C’est la première mesure de ce type prise depuis que les corps de vingt personnes portant des vêtements civils ont été découverts le 2 avril par l’AFP gisant dans une rue de cette localité, suscitant condamnation et émoi à travers le monde.  

Les Ukrainiens ont accusé les Russes, mais Moscou a démenti toute responsabilité et parlé d’une « mise en scène » de Kyiv.

« Plus de 8000 cas » présumés de crimes de guerre ont au total été identifiés en Ukraine, a affirmé la procureure.

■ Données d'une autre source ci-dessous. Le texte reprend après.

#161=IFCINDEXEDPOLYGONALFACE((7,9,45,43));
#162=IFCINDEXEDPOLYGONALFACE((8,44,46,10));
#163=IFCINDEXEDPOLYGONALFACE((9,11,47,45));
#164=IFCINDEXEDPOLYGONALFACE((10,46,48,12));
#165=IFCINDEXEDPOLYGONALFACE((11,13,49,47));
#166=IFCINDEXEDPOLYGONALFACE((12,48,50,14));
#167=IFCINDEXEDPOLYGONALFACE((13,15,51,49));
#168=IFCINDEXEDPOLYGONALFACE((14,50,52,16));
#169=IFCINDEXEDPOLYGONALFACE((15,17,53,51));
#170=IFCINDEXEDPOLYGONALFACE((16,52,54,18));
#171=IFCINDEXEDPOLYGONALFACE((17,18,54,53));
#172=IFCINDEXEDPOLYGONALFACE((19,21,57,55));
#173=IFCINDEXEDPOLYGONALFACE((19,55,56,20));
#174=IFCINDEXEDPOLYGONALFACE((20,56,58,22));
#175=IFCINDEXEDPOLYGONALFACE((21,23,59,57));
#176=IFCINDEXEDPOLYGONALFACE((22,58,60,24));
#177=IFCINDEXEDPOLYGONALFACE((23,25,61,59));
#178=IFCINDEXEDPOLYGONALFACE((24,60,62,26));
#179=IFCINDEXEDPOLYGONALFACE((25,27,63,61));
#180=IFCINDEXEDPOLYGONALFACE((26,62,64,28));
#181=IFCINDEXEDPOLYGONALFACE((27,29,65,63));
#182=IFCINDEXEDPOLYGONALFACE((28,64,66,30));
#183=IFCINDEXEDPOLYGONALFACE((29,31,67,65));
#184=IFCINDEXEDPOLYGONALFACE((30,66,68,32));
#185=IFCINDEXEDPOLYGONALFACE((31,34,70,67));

Des enquêteurs vont à cet égard être envoyés par le Royaume-Uni pour aider leurs confrères ukrainiens, a déclaré vendredi la ministre britannique des Affaires étrangères, Liz Truss.

Mieux protéger les réfugiés

La Norvège va quant à elle emboîter le pas à l’Union européenne, dont elle n’est pas membre, en fermant à son tour ses ports aux bateaux russes, à l’exception des chalutiers, tandis qu’un premier navire chargé de maïs en provenance d’Ukraine a quitté vendredi le port roumain de Constanta, sur la mer Noire, marquant la reprise des exportations de céréales par ce pays.

Plus de 5,4 millions d’Ukrainiens ont quitté leur pays depuis le début de l’invasion russe, dont 57 000 ces dernières 24 heures, ont noté les Nations unies.

Mais, la Pologne, où 3 033 000 personnes fuyant le conflit en Ukraine sont entrées d’après les gardes-frontières, doit renforcer « de façon urgente » les mesures de prévention et de surveillance pour les protéger, en particulier les femmes, victimes de trafics, de violences et de viols, a mis en garde vendredi l’ONG Human Rights Watch.

Par ailleurs, environ 8000 soldats britanniques participeront cet été à des manœuvres en Europe de l’Est aux côtés de militaires de l’OTAN, pour une « démonstration de solidarité et de force ».  

Un ancien Marine américain âgé de 22 ans a été tué en Ukraine où il était parti mi-mars combattre les forces russes, ont dit des membres de sa famille, le Pentagone enjoignant vendredi aux Américains de « ne pas se rendre » dans ce pays.

Une organisation à but non lucratif ayant son siège au Royaume-Uni, Presidium Network, a de son côté signalé que deux volontaires humanitaires britanniques avaient été capturés lundi à un point de contrôle par les soldats russes.